LAST year was a bit of a landmark year for me travel-wise.

On my honeymoon to Japan and Korea in October I decided not to take a camera and rely on my iPhone to take pictures.

It seems I'm not alone in making this switch in favouring a phone over a camera.

Research by Mintel showed that eight per cent of UK adults – around three million consumers – now claim that they are likely to use a smartphone instead of replacing their current camera when it breaks.

I was a little nervous about doing this. A camera would normally be alongside your toothbrush and passport on your must-pack list.

The quality of smartphone cameras have improved dramatically over the last few years, with the iPhone 4 making phone pictures at least as good, if not better than anything you could take on a compact digital camera.

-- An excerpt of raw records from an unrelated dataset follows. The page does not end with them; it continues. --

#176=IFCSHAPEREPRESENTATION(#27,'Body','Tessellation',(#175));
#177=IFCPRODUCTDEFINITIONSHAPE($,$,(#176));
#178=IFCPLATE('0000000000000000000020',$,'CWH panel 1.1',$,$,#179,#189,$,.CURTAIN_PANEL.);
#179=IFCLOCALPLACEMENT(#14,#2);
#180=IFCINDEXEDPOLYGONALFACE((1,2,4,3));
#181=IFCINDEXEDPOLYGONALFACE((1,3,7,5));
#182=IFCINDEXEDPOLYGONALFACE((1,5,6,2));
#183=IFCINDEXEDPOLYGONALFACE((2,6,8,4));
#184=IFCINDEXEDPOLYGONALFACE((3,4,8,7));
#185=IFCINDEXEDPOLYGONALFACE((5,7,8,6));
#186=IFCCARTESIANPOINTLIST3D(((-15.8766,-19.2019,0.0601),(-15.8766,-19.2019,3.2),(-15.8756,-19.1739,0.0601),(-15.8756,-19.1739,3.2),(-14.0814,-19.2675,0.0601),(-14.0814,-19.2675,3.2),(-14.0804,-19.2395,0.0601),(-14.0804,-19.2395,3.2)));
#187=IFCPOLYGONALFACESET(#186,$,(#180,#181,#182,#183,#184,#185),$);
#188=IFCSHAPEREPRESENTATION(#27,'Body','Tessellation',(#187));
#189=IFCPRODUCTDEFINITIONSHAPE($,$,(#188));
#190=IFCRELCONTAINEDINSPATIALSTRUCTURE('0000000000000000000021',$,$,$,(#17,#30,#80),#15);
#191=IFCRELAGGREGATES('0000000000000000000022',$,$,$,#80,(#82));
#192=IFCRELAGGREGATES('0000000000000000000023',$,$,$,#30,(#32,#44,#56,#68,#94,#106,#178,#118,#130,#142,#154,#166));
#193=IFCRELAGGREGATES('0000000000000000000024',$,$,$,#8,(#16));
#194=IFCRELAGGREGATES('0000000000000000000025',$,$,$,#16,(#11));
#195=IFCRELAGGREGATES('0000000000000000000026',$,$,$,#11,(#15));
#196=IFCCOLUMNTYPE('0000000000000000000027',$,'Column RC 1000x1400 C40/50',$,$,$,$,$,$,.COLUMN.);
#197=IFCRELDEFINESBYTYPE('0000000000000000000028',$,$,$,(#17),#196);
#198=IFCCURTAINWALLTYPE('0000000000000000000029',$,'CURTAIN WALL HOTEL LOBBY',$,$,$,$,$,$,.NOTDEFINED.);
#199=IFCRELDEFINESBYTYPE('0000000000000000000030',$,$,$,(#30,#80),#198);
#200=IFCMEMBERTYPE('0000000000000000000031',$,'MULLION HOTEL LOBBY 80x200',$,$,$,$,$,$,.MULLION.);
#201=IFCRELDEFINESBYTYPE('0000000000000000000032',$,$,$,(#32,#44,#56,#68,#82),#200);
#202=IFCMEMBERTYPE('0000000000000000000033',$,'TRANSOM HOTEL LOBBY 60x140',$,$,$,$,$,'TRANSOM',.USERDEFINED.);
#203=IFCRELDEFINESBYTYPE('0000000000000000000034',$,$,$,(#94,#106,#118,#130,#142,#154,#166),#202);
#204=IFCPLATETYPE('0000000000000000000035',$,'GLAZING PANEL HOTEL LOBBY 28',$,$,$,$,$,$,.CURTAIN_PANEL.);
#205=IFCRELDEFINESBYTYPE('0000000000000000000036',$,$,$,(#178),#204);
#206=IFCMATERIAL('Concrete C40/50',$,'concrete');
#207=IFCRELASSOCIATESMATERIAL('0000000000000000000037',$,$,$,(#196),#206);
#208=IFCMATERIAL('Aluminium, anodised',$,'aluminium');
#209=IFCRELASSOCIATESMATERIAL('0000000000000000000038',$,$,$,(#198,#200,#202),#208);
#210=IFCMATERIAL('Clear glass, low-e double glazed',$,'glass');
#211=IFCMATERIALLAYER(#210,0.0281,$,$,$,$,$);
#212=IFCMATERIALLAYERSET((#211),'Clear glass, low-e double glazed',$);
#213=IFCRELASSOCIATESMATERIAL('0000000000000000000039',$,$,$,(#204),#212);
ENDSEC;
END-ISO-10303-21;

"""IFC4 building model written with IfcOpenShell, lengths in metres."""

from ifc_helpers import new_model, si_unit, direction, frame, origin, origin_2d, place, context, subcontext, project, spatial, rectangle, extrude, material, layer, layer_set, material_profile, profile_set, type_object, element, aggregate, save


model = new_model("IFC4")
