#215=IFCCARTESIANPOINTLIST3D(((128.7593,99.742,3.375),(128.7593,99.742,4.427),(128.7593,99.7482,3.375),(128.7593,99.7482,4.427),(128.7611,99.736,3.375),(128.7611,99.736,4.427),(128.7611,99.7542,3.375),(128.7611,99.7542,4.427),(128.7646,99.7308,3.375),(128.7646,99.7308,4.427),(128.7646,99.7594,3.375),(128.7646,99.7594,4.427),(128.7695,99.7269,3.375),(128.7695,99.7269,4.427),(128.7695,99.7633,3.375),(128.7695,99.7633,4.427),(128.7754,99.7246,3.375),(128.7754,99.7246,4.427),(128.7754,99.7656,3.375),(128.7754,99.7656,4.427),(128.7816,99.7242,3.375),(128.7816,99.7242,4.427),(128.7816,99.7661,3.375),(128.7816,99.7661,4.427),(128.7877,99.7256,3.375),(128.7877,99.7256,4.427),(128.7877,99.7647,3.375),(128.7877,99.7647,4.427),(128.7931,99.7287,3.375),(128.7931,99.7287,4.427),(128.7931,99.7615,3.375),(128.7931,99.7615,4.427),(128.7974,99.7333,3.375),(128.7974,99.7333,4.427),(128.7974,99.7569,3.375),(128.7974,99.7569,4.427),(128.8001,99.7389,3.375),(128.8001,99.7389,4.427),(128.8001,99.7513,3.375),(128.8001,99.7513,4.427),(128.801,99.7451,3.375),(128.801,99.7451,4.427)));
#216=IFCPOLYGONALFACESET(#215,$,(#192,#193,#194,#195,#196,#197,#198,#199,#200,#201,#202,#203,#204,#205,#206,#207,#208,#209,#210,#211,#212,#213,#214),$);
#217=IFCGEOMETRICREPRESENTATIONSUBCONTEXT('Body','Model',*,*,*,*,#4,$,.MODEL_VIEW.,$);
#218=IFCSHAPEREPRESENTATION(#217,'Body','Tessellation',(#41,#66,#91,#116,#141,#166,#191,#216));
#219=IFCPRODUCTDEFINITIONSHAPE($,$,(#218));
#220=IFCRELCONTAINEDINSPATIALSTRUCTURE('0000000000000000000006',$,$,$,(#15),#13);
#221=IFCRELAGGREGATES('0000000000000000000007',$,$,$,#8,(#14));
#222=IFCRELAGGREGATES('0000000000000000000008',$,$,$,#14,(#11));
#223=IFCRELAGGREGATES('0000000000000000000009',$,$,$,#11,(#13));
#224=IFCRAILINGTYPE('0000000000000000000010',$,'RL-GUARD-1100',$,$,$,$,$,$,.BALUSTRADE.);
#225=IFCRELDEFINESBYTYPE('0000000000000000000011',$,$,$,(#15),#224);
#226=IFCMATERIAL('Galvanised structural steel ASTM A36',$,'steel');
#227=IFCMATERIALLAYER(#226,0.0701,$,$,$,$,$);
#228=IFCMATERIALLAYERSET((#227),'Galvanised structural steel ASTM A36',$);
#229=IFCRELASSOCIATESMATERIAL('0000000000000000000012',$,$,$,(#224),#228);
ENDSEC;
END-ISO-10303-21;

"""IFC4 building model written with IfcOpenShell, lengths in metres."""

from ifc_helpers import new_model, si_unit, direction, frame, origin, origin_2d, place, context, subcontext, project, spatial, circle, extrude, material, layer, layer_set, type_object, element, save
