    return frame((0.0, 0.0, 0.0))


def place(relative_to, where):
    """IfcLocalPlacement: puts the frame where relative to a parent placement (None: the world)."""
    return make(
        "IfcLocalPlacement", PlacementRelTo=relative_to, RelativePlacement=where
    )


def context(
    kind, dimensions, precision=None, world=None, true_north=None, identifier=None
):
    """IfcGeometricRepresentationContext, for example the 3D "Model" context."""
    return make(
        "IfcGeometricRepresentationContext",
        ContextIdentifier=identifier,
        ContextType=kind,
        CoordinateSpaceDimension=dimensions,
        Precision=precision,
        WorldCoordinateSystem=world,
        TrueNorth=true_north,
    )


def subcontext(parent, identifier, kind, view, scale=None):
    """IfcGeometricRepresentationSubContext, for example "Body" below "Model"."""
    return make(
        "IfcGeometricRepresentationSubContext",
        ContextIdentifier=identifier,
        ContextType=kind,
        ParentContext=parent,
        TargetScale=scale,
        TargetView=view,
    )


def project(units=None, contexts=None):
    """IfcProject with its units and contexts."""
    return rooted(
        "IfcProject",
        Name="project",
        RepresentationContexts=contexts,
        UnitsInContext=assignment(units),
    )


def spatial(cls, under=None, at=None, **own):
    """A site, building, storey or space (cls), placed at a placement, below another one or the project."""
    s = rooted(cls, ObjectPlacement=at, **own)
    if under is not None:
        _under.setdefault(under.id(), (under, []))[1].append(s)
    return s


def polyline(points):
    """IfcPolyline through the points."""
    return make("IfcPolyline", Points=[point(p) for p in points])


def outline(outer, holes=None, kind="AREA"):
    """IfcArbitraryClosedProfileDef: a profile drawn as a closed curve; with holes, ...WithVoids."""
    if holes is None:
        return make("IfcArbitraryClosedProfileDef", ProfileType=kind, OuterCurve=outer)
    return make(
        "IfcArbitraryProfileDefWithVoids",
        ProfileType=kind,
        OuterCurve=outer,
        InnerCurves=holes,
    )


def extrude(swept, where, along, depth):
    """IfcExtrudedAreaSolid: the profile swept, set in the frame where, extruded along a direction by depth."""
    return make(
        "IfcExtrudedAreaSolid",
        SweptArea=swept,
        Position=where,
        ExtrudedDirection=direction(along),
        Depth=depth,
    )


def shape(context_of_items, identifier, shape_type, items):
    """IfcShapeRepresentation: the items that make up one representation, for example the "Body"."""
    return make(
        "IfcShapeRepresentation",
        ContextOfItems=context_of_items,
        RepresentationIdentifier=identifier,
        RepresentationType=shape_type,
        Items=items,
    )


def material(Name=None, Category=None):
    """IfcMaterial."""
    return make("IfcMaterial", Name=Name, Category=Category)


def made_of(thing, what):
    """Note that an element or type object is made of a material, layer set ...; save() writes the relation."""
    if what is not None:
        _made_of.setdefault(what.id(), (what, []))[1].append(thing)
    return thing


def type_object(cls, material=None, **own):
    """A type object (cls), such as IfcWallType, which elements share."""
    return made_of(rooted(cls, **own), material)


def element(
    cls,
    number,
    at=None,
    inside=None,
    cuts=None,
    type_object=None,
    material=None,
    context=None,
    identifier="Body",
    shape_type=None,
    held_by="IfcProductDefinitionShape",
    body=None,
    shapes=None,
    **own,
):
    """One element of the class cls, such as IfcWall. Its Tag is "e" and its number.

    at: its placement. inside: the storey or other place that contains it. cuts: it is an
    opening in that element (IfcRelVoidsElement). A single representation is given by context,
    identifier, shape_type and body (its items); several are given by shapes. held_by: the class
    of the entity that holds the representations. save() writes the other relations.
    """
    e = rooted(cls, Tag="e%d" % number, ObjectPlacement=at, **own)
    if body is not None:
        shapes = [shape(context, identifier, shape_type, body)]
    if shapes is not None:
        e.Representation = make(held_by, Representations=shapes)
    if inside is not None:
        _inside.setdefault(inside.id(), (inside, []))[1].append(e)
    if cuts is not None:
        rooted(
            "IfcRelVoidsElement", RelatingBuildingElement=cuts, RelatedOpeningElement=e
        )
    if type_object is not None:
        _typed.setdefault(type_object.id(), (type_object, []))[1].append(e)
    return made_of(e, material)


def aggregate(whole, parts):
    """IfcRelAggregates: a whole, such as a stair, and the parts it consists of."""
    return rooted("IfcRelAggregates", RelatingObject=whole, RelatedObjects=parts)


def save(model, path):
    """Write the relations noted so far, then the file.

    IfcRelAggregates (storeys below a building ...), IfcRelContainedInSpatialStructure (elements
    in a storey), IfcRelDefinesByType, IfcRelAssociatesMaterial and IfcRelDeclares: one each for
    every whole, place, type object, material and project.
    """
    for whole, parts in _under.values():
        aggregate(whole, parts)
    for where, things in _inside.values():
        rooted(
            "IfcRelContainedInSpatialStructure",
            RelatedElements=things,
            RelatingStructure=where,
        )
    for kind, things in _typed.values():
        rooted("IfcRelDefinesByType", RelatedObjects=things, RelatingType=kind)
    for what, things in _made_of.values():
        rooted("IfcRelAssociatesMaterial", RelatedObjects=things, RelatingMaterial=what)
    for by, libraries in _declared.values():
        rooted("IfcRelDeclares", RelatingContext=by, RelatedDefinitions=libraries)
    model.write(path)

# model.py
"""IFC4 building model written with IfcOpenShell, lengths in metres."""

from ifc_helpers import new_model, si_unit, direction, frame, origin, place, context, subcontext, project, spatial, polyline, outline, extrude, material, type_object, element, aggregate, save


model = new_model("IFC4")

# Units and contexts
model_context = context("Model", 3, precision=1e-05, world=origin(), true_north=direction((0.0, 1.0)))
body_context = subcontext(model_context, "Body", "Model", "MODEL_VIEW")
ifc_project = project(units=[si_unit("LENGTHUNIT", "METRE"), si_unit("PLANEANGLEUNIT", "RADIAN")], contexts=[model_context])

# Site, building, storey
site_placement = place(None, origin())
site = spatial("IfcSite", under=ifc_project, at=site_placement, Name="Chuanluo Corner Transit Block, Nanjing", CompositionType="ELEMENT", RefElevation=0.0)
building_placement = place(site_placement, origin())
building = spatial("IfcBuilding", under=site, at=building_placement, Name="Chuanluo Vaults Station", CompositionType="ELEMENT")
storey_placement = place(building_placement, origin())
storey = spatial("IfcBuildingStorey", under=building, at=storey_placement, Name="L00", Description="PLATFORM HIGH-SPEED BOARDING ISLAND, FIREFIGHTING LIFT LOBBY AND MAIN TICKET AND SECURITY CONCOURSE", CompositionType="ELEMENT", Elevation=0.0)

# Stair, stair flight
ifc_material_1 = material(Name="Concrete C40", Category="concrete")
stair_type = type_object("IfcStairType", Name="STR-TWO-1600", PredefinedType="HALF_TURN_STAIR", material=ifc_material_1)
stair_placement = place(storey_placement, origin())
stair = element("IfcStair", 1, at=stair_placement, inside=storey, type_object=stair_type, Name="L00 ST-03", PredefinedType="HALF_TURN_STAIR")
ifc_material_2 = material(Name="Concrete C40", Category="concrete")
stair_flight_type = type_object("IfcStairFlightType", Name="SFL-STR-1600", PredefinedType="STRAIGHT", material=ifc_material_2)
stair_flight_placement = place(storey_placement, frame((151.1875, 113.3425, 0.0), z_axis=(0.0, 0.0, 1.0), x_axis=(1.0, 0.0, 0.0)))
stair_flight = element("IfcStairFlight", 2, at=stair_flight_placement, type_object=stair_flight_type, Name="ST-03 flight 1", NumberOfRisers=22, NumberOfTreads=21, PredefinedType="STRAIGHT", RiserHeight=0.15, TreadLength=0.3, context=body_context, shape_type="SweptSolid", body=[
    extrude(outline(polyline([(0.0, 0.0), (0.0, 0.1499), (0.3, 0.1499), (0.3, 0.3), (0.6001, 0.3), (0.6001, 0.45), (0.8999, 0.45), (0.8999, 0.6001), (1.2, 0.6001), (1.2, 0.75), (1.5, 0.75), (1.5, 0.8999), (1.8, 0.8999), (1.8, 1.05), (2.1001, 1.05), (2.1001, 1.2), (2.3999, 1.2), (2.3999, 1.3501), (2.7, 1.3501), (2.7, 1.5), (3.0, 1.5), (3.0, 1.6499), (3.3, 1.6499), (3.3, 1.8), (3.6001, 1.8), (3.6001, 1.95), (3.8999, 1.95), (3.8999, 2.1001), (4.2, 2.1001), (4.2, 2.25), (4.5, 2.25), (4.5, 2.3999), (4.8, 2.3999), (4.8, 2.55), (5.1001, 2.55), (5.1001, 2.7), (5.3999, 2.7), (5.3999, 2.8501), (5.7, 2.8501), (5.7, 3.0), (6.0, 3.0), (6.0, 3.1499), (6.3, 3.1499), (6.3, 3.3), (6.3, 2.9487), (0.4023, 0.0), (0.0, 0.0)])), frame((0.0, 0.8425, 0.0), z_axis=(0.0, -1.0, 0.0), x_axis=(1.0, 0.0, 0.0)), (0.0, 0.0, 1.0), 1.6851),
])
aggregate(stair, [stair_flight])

Although my iPhone doesn't have an optical zoom, I decided I'd take a chance and travel as light as possible.

There is a bigger reason for doing this. When taking pictures on a digital camera, no matter how good the quality, they need to be downloaded to a computer. To share them or print them, you'd have to cart a laptop with you as well.

I want to take my pics and post them - on Facebook, Twitter or to have somewhere where I can look back when I've returned home.

And having got back I no longer have to subject friends and family to that other holiday ritual, the post-vacation trawl through the snaps to show people where you've been and what you've seen. Although the days of slideshows are long gone, many a relative will have been plonked in front of a laptop and given an trawl through all the pics you've snapped.

With a smartphone, you take a picture, caption it and share it with your friends and family. They can see and enjoy what you've seen and relish the moment as you have through a handful of pictures rather than a folder on your desktop with 186 shots of varying quality.

Although I regretted not taking a camera occasionally – when I wanted to take a long-distance shot perhaps - it was these other things a smartphone does which made it the indispensable travel tool for me.